In the inn where I alighted, I ordered for myself a little--only a
very little breakfast,--a trifle--a bit of bread-and-butter--a few
eggs.
The landlord and a fat gentleman walked up and down the saloon and
chatted. "Nay, that I must say," said the fat gentleman, "this
Merchant P--, who died the day before yesterday, he was a fine
fellow."
"Yes, yes," thought I; "aha, aha, a fellow, who had heaps of
money! Hear you, my friend" (to the waiter), "could not you get me
a bit of venison, or some other solid dish? Hear you, a cup of
bouillon would not be amiss. Look after it, but quick!"
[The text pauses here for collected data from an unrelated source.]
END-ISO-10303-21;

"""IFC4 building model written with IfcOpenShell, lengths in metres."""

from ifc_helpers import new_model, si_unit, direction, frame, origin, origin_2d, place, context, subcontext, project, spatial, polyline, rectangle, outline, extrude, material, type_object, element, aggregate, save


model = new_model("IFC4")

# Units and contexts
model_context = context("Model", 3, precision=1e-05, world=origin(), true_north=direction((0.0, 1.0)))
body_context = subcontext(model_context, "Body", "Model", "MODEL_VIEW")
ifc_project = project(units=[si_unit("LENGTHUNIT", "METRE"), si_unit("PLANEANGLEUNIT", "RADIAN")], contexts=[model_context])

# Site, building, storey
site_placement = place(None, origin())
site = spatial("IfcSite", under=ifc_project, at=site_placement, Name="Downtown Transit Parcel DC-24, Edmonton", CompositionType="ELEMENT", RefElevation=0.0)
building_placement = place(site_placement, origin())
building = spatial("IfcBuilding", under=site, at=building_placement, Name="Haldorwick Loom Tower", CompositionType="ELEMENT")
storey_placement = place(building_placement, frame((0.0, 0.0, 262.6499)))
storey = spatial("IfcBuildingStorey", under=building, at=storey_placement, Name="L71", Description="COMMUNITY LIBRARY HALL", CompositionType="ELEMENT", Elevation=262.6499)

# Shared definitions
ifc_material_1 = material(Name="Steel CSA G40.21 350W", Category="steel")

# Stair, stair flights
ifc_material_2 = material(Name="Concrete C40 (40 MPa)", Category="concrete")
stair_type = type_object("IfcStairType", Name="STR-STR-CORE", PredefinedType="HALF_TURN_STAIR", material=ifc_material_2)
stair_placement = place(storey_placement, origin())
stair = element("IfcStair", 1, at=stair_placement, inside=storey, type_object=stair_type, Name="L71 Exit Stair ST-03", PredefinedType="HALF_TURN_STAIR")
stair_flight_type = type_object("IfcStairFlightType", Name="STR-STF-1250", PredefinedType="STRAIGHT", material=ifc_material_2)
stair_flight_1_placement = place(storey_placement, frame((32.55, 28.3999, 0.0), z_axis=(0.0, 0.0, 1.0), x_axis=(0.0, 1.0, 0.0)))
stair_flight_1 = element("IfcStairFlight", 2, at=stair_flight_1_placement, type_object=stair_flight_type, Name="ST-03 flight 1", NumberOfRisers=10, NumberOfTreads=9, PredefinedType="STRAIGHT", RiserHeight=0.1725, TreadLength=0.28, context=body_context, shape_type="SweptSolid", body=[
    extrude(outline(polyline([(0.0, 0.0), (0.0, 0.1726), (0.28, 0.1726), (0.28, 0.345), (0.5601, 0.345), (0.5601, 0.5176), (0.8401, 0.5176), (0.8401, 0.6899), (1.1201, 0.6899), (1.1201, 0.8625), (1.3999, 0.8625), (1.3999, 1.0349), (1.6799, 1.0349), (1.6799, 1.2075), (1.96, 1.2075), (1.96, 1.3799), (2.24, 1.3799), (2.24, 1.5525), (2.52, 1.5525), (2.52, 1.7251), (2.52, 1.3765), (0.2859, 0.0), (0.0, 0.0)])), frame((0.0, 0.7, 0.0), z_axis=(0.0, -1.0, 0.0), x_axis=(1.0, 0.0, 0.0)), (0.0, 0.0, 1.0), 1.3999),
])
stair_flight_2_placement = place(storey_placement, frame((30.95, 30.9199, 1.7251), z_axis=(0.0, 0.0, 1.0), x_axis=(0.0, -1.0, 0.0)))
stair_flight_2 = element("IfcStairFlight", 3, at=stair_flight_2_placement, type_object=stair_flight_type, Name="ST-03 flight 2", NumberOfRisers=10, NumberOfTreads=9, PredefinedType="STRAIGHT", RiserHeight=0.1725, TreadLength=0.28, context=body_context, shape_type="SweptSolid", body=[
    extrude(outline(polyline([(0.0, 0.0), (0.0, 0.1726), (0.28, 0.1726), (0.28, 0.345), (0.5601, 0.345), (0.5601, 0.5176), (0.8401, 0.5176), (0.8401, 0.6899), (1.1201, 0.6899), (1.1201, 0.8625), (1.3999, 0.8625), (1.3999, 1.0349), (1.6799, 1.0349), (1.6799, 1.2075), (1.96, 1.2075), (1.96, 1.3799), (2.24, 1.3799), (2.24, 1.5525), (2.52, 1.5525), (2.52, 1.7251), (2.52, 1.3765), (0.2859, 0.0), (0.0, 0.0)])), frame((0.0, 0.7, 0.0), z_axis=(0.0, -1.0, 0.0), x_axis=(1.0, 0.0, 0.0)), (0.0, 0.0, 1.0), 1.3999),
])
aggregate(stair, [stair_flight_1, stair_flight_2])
"Yes," said mine host now, "it is strong! Thirty thousand dollars,
and they banko! Nobody in the whole world could have dreamed of
it--thirty thousand!"
"Thirty thousand!" repeated I, in my exultant soul,
"thirty thousand! Hear you, waiter! Make haste, give me here
thirty then--; and give me here banko--no give me here a glass of
wine, I mean;" and from head to heart there sang in me, amid the
trumpet-beat of every pulse in alternating echoes, "Thirty thousand!
Thirty thousand!"
"Yes," continued the fat gentlemen, "and would you believe that in
the mass of debts there are nine hundred dollars for credit
and five thousand dollars for champagne. And now all his
creditors stand there prettily and open their mouths; all the thing
in the house are hardly worth two farthings; and out of the house
they find, as the only indemnification--a calash!"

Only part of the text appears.